However, if there is an unclean shutdown, squid does not restart. Our area
is having frequent power interruptions and that the server, once or twice a week
is unproperly shut off due to power losses. 

Being the admin of that server, I notice that squid is NOT starting after an 
unclean shutdown.


To be able to confirm this, I have tested the system here is the result

1. Manually Started Squid via /usr/local/etc/rc.d  (right after the power failure)
2. Restart server properly via shutdown -r
3. ps ax | grep squid -> indicates squid is running
4. Restart server properly via shutdown -r
5. ps ax | grep squid -> indicates squid is running
6. Unplugged the power cable (Unclean shutdown)
7. ps ax | grep squid -> indicates squid is NOT running
8. Restart server properly via shutdown -r (BUT NOT Manually Starting squid.. it is off)
9. ps ax | grep squid -> indicates squid is NOT running
10. Manually Started Squid via /usr/local/etc/rc.d  
11. Restart via clean shutdown
12. ps ax | grep squid -> indicates squid is running

In this test, I have confirmed that squid is NOT starting after unclean shutdown.

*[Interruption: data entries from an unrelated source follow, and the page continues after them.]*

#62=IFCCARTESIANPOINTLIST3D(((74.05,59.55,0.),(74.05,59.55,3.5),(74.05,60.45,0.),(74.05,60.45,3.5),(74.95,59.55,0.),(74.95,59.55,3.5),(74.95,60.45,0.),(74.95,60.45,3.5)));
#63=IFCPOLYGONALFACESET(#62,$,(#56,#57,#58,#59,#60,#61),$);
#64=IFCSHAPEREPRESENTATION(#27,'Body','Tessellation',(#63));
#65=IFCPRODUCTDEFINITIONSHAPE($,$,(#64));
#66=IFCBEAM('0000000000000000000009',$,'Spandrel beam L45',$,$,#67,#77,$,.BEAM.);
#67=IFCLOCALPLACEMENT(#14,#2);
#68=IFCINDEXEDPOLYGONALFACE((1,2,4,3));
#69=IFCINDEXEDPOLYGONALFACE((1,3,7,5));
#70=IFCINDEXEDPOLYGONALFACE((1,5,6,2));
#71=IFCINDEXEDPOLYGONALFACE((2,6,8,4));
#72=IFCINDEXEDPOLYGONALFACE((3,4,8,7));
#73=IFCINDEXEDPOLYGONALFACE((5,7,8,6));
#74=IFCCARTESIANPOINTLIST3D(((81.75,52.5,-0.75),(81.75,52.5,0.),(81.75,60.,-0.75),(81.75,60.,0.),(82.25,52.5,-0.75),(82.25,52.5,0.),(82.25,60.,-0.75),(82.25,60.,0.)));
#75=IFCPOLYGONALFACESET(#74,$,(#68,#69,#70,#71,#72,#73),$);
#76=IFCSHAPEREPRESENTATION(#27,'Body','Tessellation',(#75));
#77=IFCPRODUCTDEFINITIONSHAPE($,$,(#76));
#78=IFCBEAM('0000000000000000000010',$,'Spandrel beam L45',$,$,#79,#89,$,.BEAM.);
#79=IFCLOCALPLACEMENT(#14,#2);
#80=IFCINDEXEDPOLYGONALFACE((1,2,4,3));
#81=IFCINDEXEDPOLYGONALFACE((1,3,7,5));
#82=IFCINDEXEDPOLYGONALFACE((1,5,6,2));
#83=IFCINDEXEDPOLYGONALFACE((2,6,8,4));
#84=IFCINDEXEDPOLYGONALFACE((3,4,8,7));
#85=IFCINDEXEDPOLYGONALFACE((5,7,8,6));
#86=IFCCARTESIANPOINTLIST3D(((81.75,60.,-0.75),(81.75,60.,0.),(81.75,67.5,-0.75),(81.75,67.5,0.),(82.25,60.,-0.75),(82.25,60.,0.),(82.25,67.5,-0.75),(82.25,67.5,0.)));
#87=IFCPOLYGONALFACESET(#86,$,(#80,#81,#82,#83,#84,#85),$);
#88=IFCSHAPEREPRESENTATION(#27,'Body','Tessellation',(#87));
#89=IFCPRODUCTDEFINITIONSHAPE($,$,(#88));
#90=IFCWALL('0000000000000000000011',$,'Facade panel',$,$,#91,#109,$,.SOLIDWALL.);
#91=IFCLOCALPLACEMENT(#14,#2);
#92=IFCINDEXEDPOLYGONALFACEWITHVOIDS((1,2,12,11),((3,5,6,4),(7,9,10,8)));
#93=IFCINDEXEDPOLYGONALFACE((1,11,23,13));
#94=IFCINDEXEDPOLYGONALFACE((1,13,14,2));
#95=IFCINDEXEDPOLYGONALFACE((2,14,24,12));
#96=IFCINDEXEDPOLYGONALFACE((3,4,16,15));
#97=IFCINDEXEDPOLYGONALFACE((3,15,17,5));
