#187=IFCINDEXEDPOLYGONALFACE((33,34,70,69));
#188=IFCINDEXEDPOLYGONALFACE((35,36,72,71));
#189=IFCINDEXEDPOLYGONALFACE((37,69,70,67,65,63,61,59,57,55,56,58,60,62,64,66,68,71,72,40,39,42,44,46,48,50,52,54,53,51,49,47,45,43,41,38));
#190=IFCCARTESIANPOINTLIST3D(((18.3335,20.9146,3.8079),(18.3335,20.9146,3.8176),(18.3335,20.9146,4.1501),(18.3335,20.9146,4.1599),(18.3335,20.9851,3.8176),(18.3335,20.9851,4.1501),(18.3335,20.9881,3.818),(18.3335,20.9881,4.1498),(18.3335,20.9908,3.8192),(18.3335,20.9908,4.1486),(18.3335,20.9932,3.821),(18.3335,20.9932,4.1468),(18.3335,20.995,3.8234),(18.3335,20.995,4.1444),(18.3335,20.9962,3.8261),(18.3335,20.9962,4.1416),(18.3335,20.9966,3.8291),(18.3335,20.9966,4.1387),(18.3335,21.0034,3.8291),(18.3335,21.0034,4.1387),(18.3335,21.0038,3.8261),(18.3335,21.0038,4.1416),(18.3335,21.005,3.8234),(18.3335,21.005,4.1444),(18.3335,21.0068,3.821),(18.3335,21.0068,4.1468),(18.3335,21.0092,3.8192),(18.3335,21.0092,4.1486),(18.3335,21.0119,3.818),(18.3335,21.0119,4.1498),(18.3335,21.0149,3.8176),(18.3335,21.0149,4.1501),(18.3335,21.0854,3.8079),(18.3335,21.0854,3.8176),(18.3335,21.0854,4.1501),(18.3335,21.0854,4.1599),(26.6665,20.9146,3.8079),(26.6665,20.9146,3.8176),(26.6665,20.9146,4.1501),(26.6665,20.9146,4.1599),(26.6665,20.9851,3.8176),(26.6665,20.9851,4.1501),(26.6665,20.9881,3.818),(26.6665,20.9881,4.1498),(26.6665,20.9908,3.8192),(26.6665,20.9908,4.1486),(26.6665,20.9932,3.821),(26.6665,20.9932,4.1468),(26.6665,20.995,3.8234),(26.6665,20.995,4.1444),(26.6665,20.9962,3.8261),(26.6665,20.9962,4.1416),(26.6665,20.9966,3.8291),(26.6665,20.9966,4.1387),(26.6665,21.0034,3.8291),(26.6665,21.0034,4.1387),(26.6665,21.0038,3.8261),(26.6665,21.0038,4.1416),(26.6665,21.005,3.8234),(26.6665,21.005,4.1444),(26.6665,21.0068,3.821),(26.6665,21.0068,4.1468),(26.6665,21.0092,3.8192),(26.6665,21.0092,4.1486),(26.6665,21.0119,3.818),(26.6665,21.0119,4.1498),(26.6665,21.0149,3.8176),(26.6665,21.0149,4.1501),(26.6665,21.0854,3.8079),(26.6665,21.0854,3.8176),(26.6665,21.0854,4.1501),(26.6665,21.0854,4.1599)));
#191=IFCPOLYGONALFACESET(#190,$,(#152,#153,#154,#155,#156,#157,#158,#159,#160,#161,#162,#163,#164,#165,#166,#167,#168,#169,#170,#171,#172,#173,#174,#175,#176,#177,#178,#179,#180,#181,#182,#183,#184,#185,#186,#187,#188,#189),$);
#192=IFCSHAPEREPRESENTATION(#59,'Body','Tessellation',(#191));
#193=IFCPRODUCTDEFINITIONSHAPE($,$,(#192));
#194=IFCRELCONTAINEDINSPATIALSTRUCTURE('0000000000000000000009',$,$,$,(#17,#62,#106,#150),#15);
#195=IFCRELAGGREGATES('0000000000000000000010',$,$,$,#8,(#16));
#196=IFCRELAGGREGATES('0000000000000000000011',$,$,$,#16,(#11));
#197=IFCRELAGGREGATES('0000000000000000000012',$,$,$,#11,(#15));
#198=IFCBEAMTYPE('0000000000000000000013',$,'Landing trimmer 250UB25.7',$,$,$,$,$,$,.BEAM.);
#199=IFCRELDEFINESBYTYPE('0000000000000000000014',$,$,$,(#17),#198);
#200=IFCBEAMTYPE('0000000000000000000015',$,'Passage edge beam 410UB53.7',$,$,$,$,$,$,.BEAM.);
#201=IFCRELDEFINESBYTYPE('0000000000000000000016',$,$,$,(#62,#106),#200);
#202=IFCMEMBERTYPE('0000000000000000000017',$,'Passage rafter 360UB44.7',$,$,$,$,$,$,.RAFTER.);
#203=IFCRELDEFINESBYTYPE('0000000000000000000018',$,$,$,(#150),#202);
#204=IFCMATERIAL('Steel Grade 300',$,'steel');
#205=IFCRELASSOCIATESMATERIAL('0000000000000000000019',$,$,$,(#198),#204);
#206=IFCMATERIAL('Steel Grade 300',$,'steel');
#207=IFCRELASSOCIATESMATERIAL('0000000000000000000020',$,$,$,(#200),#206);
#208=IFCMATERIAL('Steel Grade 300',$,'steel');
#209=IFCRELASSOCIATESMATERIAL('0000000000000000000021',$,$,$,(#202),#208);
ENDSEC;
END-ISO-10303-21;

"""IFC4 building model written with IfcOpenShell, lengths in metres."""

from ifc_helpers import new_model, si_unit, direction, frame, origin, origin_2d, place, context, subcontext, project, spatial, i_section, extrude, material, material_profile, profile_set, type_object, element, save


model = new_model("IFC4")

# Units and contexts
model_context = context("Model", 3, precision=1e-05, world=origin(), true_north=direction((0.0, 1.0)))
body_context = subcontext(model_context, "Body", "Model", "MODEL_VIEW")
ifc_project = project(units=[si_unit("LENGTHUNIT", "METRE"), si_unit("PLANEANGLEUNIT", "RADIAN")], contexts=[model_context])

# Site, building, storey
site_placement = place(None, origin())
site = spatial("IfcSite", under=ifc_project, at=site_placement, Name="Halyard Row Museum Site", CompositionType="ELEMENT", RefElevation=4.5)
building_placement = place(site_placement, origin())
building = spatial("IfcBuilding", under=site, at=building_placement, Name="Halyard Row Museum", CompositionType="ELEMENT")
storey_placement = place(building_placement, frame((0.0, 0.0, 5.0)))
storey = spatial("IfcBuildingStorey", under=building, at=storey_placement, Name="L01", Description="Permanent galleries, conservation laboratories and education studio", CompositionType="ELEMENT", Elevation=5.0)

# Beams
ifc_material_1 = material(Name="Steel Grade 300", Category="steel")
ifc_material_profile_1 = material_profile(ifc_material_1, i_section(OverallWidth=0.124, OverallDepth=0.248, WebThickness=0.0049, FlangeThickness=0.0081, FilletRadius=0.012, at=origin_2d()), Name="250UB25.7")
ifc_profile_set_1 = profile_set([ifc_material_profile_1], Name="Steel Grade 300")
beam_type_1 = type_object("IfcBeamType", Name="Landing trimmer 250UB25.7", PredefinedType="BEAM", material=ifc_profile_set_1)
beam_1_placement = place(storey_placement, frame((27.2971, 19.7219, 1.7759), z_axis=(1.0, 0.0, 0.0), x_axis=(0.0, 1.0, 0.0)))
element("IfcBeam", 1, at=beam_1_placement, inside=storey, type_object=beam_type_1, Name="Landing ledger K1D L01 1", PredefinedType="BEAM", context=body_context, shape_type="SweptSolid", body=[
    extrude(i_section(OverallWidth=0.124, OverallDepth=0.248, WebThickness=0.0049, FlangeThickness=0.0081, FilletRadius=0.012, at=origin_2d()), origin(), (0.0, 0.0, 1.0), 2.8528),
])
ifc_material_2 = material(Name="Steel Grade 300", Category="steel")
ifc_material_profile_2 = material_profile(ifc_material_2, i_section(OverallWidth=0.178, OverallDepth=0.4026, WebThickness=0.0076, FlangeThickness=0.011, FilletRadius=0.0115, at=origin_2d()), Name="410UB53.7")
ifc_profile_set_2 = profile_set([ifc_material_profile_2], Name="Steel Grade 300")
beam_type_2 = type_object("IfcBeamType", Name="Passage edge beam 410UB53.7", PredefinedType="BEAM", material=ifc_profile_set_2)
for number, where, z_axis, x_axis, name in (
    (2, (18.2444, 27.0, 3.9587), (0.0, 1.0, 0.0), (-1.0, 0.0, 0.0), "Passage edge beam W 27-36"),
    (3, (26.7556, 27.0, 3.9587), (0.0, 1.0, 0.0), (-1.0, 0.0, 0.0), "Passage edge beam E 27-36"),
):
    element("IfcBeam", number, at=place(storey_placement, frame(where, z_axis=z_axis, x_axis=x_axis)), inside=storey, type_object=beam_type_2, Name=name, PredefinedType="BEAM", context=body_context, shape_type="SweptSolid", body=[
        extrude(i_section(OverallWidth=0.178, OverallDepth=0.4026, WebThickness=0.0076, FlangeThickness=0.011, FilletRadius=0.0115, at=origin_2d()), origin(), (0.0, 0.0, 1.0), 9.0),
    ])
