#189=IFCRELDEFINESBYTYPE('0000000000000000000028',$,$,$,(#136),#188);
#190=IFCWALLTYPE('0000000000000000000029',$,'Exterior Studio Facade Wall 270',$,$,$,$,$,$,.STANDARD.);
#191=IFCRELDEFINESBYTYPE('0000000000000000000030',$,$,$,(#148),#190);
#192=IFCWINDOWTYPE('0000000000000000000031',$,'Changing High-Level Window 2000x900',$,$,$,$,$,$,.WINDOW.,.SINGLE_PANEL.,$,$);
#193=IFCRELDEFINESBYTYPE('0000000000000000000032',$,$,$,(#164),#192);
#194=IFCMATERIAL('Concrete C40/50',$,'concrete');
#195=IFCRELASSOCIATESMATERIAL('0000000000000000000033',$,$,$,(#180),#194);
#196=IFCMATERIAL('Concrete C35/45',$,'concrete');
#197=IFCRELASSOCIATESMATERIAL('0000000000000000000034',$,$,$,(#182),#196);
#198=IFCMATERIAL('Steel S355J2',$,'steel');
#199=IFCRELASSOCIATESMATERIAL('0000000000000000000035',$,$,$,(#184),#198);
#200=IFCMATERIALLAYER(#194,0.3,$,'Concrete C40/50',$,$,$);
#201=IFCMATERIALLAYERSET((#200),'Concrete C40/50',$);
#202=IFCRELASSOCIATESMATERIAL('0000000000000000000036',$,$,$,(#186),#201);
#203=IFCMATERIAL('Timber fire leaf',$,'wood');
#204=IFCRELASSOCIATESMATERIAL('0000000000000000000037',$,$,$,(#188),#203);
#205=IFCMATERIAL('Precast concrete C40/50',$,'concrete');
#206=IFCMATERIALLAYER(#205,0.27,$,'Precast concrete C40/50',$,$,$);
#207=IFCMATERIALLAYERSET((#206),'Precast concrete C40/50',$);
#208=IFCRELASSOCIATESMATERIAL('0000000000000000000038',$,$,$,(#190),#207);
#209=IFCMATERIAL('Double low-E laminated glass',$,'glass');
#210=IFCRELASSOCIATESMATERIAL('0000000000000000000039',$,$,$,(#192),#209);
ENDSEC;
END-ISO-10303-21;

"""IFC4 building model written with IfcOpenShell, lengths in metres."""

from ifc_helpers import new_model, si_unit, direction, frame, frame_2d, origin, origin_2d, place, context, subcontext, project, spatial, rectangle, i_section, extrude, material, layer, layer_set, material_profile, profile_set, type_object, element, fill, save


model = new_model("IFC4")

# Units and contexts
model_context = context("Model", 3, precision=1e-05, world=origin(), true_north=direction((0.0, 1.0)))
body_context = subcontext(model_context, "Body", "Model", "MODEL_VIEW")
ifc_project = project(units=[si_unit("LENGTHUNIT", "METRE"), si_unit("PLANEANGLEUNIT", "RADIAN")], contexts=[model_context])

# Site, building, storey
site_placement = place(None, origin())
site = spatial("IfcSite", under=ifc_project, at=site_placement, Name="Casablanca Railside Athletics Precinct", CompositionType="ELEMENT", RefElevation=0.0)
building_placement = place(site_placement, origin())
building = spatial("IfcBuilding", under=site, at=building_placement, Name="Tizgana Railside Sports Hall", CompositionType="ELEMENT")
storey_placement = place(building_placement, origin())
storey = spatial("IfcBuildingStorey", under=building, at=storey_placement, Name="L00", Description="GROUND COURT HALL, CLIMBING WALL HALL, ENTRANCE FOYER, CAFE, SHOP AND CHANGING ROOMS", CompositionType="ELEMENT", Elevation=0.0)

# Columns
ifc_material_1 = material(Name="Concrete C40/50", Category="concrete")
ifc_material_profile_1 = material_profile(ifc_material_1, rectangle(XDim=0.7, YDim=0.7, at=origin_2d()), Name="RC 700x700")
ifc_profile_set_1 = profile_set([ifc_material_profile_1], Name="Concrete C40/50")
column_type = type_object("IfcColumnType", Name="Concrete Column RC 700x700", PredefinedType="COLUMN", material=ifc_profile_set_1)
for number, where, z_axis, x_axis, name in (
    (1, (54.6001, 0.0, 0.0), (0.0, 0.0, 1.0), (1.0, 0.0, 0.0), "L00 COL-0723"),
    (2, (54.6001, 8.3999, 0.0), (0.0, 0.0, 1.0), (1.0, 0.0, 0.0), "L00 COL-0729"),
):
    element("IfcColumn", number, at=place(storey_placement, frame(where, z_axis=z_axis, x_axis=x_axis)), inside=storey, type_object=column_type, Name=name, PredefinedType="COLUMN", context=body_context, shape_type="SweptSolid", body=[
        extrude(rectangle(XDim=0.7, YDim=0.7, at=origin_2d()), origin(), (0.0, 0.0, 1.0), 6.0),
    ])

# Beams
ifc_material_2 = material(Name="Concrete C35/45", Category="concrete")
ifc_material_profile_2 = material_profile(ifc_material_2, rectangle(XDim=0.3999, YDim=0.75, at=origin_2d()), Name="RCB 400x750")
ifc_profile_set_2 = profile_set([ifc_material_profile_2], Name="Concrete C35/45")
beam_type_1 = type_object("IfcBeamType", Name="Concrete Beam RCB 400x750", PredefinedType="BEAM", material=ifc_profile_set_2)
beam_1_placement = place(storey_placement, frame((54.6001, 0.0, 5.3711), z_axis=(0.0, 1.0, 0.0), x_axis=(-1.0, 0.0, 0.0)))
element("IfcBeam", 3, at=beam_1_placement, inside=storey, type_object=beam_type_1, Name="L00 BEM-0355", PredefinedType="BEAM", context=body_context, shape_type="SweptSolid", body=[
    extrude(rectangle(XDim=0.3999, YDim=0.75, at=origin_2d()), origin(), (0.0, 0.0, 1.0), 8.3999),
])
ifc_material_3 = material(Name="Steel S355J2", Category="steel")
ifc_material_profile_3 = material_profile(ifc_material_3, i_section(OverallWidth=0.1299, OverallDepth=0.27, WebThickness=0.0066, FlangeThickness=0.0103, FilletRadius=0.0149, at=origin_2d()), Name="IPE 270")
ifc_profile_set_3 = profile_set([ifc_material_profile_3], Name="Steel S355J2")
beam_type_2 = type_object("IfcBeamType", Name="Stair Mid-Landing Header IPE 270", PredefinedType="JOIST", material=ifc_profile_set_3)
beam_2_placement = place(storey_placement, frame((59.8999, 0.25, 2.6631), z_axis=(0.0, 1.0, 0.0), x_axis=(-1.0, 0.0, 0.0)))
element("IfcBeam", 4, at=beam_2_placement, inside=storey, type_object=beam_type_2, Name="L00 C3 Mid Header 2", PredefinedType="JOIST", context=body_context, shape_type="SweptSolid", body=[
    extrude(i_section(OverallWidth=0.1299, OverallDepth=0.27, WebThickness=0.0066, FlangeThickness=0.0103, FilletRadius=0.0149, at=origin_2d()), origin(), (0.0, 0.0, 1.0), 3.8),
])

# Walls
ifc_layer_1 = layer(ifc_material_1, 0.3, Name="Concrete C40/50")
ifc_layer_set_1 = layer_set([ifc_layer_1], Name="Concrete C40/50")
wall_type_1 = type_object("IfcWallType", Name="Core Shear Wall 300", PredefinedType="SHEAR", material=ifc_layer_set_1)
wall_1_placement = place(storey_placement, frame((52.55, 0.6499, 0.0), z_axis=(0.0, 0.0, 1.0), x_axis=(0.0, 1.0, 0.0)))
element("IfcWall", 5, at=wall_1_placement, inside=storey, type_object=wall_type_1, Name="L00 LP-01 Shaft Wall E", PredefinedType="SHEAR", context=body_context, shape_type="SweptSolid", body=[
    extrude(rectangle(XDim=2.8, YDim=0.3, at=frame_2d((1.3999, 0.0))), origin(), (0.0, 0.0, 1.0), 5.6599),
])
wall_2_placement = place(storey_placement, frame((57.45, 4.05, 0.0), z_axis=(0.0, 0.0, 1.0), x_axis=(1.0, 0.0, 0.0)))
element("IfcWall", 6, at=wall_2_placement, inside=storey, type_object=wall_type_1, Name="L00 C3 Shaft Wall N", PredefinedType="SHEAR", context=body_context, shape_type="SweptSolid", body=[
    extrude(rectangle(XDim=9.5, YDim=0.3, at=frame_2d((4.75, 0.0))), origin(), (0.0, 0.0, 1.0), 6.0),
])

But how am I going to solve this? My rc.conf contains fsck_y_enable="YES" and background_fsck="NO"

The power failure happens mostly every SUNDAY.. I go to work on TUESDAYS, the problem is every MONDAY, gateway can't be used because there is no admin to turn ON the squid service manually right after the power failure

Please help.


----------



## SirDice (Mar 9, 2010)

jemate18 said:
			
		

> The title of this thread is not appropriate.. I'll post a new one.


Why don't you just edit the first post?


----------



## DutchDaemon (Mar 9, 2010)

[ merged ]

Squid doesn't need write access to /dev/pf. Keep permissions to a minimum. This is enough.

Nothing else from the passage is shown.